Terrorism does not mean reckless and indiscriminate bloodshed. On the contrary, it means the prevention of bloodshed because victims of the red terror are almost without exception tyrants whose lives, and régime, if permitted to continue, would demand the lives of numberless victims falling under their rule. The assassination of a Plehve, a Sergius, a Pavlov, a Luchenovsky, sends a nation to its knees in praise and thanksgiving—I speak, I believe, without exaggeration—because the taking of each one of those lives saved the lives of many innocents who would have fallen under their merciless régime, precisely as hundreds did fall before these pitiless rulers were overtaken by the terror.

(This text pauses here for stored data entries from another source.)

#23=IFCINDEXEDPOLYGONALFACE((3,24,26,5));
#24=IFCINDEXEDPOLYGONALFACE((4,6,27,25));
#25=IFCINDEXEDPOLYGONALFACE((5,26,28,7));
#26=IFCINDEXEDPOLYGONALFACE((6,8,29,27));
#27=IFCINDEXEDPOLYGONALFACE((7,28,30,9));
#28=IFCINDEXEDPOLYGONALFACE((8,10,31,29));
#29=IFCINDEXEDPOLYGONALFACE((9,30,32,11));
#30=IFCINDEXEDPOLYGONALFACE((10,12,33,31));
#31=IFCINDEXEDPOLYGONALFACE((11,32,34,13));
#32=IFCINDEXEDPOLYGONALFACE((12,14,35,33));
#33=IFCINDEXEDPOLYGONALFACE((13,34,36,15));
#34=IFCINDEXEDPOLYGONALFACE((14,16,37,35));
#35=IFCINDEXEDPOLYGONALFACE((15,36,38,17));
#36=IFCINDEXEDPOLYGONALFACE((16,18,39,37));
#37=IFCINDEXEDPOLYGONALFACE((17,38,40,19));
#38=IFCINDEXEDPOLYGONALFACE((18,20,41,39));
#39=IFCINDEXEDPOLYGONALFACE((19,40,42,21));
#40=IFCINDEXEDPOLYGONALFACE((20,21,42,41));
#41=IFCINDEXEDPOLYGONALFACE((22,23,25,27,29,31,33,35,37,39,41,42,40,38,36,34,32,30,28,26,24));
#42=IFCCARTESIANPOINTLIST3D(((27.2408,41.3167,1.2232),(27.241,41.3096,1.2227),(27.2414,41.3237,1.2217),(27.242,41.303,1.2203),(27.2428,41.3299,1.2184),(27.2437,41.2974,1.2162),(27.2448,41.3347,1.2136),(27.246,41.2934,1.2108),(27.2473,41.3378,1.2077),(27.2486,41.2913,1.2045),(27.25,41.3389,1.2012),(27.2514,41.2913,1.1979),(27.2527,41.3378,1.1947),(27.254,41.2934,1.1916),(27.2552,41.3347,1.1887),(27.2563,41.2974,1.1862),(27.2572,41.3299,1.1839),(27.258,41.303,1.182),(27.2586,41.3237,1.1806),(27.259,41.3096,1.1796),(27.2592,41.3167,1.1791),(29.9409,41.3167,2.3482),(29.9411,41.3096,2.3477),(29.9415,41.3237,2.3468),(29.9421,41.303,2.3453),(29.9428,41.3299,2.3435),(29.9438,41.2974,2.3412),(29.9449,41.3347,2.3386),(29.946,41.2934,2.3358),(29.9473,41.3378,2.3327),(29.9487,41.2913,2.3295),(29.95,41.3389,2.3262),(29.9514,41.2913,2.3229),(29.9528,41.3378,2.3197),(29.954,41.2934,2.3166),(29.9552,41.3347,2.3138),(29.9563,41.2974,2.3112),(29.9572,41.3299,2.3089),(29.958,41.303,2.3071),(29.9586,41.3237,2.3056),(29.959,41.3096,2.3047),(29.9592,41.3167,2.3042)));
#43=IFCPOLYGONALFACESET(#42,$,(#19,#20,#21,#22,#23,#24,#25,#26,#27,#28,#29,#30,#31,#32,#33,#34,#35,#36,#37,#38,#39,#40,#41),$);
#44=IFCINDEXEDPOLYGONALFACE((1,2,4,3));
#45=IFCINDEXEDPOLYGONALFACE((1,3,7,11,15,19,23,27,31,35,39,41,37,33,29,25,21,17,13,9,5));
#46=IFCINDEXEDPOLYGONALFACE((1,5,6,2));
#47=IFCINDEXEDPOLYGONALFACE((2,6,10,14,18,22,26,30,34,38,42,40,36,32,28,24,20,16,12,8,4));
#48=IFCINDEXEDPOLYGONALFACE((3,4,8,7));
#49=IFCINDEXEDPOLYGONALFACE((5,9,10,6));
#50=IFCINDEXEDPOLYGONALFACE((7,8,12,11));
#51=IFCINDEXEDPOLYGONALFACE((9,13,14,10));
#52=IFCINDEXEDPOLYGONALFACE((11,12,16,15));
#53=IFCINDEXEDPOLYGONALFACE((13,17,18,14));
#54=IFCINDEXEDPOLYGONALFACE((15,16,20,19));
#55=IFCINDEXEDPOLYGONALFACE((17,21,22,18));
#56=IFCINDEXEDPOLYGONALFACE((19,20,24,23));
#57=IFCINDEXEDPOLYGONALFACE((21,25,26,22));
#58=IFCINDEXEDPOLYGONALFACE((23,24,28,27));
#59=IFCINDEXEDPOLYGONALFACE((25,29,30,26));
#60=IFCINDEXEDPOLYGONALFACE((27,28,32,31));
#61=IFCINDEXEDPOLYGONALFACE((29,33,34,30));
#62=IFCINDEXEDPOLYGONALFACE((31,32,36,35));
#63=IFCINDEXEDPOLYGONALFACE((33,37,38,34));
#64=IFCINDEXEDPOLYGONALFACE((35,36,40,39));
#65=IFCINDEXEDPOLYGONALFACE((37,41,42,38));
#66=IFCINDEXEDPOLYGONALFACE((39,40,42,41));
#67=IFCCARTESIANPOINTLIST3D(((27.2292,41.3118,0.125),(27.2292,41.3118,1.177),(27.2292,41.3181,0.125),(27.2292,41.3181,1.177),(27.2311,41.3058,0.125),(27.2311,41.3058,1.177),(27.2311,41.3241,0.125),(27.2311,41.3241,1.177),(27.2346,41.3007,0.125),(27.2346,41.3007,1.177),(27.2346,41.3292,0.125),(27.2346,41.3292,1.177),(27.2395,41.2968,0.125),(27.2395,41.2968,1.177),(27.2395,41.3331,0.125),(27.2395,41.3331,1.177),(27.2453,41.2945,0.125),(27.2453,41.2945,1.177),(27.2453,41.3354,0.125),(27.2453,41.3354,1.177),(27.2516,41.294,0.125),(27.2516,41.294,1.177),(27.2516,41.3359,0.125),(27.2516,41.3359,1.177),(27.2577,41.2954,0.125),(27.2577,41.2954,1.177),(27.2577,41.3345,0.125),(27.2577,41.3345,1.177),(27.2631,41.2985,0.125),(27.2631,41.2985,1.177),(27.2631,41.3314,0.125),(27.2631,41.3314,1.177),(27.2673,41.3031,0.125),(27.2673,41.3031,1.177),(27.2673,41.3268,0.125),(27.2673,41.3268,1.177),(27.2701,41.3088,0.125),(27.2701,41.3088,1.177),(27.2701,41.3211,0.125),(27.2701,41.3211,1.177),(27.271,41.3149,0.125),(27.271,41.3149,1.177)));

Marie Spiradonova was the first terrorist of the present movement whom I met face to face. I have described her charming girlishness, her burning idealism, her heroic daring. During the succeeding months I met a good many members of the fighting organization and I think with every one I was impressed with their splendid spirit.
Personally, I do not approve of bombs, save under extraordinary circumstances, but I can understand their vogue in Russia. And this I know, that the terrorist—the assassin of the revolution—usually pays greater heed to safeguarding the bystanders than the government ever does.
The slayer of the Grand Duke Sergius allowed five opportunities for striking his victim to go by, because the Grand Duchess Elizabeth was by his side and her death was not desired.
Zinaida Konoplannikova, who shot General Min at Peterhof in August, sacrificed her own life to save the lives of some children. On a certain morning when the general left his home he was approached by Zinaida, who was accompanied by one comrade. She held a velvet work-bag in one hand. In the bag was a bomb, in her pocket was a Browning revolver; Zinaida meant to do her work well. As she was on the point of passing the general and dropping the bomb two children ran toward her and flung themselves at her skirts. She carefully raised the bag above their heads, and turning to her comrade said: “I can not—the children.” That same afternoon Zinaida waited for General Min near the railroad station. Again she carried the velvet work-bag, and in her pocket the Browning. The station was almost deserted. She determined to use the bomb and attempt escape. The bomb would make sure her victim and occasion enough commotion to perhaps enable her to get away unnoticed. But when the general appeared he was accompanied by his wife and daughter. Like a flash she weighed the choice—the bomb would kill the general and the two women, but perhaps cover her escape. The revolver meant the general’s death and her own and no other. There was no hesitancy. Her hand reached for the Browning, and General Min fell. As soldiers rushed upon her she motioned them back, shouting “Careful! Careful! This is a bomb!” The soldiers hesitated. Zinaida gently put down the bomb, and gave herself up. In the dead of night, September 10, 1906, in the grim and sinister courtyard of the famous Schlüsselburg fortress Zinaida was hanged.
Many times have these “terrorists” shown similar care for the lives of the innocent. At least two or three sacrificed their lives during a Maximalist incident which is described at length in the following chapter, by the insistent daring of the “protecting party” in keeping the crowd of passers-by back from the zone of fire.